Ansuel · February 3, 2022, 7:08pm

2 other missing patch force pushed...

anon98444528 · February 3, 2022, 7:35pm

so I mentioned the missing dtb's earlier. I know how to bypass this build error - just didn't this time as i wanted to see if this resulted from something i did wrong in previous attempts. It does not look my issue:

FATAL ERROR: Couldn't open "/home/sn/openwrt/build_dir/target-arm_cortex-a15+neon-vfpv4_musl_\
eabi/linux-ipq806x_generic/linux-5.15.19/arch/arm/boot/dts/qcom-ipq8068-mr52.dtb": No such fi\
le or directory
mkimage: Can't open /home/sn/openwrt/build_dir/target-arm_cortex-a15+neon-vfpv4_musl_eabi/lin\
ux-ipq806x_generic/meraki_mr52-fit-uImage.itb.new.tmp: No such file or directory
make[5]: *** [Makefile:45: /home/sn/openwrt/build_dir/target-arm_cortex-a15+neon-vfpv4_musl_e\
abi/linux-ipq806x_generic/meraki_mr52-fit-uImage.itb] Error 255
Parallel mksquashfs: Using 1 processor
Creating 4.0 filesystem on /home/sn/openwrt/build_dir/target-arm_cortex-a15+neon-vfpv4_musl_e\
abi/linux-ipq806x_generic/root.squashfs, block size 262144.
^

To work around this, I comment out the following lines in target/linux/ipq806x/image/generic.mk:

...
#TARGET_DEVICES += meraki_mr42
...
#TARGET_DEVICES += meraki_mr52

and resume the build.

You may need to look at this so others can build the using the pr.

HTH

EDIT loading a 5.15 multi cpu dsa image now

EDIT: it worked and also (forcefully) upgraded without issue from k510 dsa. I'll run it for a while and report back later.
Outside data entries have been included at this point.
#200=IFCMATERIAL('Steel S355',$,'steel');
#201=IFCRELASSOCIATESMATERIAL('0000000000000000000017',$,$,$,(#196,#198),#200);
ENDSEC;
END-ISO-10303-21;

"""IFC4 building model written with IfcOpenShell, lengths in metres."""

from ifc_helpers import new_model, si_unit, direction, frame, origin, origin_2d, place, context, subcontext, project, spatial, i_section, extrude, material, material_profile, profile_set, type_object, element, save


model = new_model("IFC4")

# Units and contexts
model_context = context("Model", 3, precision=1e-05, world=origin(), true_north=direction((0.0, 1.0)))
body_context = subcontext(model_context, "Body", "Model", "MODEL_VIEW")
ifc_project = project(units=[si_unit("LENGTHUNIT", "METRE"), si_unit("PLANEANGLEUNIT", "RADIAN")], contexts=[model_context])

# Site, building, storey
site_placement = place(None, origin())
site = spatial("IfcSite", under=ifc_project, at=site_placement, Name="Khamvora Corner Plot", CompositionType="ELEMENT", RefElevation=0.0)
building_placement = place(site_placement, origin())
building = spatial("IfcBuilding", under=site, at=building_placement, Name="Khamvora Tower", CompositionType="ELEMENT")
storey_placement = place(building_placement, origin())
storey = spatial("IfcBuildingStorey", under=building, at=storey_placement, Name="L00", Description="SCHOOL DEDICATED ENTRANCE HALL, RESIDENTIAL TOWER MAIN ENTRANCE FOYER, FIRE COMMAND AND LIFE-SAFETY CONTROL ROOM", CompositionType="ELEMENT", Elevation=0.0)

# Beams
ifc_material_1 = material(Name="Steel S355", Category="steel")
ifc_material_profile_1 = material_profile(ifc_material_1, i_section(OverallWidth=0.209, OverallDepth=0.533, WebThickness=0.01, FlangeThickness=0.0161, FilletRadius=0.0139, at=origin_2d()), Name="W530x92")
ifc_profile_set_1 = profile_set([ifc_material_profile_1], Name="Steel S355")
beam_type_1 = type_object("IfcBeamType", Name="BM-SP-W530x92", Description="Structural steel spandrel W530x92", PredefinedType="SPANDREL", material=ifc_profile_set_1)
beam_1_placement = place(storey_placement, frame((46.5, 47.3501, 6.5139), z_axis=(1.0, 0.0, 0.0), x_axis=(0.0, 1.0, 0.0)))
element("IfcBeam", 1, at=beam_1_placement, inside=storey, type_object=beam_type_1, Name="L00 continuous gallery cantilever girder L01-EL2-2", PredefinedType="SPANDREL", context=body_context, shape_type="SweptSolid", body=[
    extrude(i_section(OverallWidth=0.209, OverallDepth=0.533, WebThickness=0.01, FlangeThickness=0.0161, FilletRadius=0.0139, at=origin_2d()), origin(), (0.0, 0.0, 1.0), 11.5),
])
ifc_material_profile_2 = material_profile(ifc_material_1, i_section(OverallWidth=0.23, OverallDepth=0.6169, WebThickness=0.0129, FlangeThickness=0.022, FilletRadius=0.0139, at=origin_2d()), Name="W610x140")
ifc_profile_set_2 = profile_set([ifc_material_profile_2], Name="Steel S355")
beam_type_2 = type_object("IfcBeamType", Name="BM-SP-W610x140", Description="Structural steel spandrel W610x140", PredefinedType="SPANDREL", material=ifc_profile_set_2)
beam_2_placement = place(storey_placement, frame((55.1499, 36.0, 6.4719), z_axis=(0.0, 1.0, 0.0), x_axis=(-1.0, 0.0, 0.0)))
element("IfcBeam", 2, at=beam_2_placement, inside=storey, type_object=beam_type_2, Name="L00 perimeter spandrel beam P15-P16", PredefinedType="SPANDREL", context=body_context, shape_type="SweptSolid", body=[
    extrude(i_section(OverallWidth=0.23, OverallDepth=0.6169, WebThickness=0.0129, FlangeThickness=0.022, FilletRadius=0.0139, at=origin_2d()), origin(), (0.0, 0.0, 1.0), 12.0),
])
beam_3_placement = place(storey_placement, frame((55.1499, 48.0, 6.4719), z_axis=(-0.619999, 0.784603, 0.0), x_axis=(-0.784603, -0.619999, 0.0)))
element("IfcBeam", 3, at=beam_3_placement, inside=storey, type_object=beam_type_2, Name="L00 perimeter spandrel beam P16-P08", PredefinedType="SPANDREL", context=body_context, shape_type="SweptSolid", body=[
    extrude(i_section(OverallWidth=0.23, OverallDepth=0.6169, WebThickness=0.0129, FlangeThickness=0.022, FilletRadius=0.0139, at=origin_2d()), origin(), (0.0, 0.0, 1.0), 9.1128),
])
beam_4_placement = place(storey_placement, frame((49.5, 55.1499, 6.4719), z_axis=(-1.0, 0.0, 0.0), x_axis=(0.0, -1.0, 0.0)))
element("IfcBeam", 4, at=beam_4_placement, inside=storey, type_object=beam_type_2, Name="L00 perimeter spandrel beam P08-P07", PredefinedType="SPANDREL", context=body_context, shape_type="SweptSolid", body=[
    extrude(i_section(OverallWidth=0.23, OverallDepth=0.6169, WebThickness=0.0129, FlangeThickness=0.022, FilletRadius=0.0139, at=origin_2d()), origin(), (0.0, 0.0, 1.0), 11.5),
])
Ansuel · February 3, 2022, 8:12pm

thx for the report... I should have fixed it.

facboy · February 3, 2022, 8:53pm

384mhz. i'll try it for a bit, though my r7800 sees reduced duty now as it is mainly used as a WAP - i'm trying out a nanopi r4 as the main router.
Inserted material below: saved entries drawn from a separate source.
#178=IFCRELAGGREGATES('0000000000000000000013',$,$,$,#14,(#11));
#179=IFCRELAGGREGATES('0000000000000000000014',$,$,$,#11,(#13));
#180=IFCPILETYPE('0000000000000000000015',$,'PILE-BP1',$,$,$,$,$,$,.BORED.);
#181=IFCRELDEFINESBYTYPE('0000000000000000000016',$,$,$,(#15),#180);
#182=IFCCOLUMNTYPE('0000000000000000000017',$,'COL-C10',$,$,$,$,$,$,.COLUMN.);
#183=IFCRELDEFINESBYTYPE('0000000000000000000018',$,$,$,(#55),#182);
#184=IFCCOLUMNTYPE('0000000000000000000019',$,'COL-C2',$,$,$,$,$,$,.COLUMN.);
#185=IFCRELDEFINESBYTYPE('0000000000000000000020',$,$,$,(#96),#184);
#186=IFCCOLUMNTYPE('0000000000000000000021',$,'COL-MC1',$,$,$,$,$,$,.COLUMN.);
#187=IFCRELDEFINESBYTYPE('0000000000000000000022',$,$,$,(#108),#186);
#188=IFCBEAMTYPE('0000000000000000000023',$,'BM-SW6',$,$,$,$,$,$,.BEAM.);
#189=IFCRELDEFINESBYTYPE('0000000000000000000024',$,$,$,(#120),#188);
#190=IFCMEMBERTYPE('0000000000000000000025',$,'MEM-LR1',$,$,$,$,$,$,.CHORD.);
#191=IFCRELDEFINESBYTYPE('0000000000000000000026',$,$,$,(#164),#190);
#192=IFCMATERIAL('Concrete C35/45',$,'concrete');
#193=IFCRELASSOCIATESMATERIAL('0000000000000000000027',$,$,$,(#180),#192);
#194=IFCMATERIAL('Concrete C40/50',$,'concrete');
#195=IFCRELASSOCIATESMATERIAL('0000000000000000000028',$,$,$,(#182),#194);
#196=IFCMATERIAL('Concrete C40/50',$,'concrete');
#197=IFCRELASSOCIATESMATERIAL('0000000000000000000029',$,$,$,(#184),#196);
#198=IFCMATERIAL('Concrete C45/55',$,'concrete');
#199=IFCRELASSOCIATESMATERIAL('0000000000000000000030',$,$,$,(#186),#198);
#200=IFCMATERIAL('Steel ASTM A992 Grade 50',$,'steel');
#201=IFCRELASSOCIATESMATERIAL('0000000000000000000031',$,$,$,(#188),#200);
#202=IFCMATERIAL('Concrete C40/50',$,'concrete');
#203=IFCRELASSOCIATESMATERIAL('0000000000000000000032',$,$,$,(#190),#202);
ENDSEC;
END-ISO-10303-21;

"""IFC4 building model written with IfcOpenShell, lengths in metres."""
quarky · February 3, 2022, 10:00pm

qca-rfs is not compatible with ipq806x. It requires the ess switch which ipq806x is not using, IIRC.

anon98444528 · February 3, 2022, 11:29pm

I've already pulled this build off and gone back to a k510+dsa (pr4036 only).

I did a netperf from a 5g wifi client that is capable of doing 450+ mbps to a linux box attached via wire to the r7500v2 (wan port, using vlan's) and, on the 5.15 pr 4748 build, I could only do 200 mbps at best. One r7500v2 cpu is maxed out and the other is at 50+%. Going back to a k510+dsa build, i regain the netperf rates for this client with much much less cpu usage.

I seem to recall that vlans might be an issue - so perhaps nothing new here.

Unfortunately, I confounded these results by also changing from wpad (full) to wpad-wolfssl (full, pr4748 build), iw to iw-full, aht10k-ct htt-full to ath10k-htt. I don't think these changes would explain the excessive cpu usage with pr 4748.

EDIT: Not to mention that my 5.10 builds are from aug-nov time frame last year - I'll update a 5.10 build with pr 4036 to eliminate any such differences.

Ansuel · February 4, 2022, 12:10am

@anon98444528 can you test this https://github.com/Ansuel/openwrt/tree/5.15-improve (there is an extra commit)

anon98444528 · February 4, 2022, 12:22am

i will, but i'm going to do an updated 5.10+dsa build first as a baseline otherwise I'll always be second guessing the results.

May take a few days, as the r7500v2 will be in use for a bit.

Ansuel · February 4, 2022, 12:23am

If you want to have some fun in both tests, comment ds->pcs_poll = true; from qca8k.c

Anyway from what I observed the slowdown seems to be with the internal phy part.
The mdio patch was introduced to enable the assisted learning for multicpu that require multiple write/read to access the fdb... with this we now do it in one go directly. Probably the mdio is faster for the phy part... We can totally both way

I didn't trust the phy part and it would makes sense if it does cause some slowdown (not 200mbps but should be fixed by the extra patch i posted)
In theory disabling the pcs_pool should give our perf back... at worst we can just disable the eth mgmt for the phy mdio part... the mdio part is now optimized and use one write/read instead of 3 so should be fine...

In fact... @nmrh thx for the bench that's exactly what i needed... As it looks stable now...

tell me if you need some instruction on how to disable eth for phy

anon98444528 · February 4, 2022, 12:32am

best tell me what you want. But sleep first, it's got to be late for you and I won't get to this quickly.

Ansuel · February 4, 2022, 12:39am

Anyway to disable the mdio for phy

in qca8k_internal_mdio_write and qca8k_internal_mdio_read just comment the qca8k_phy_eth_command part and the if.

This way phy will use mdio instead of eth mgmt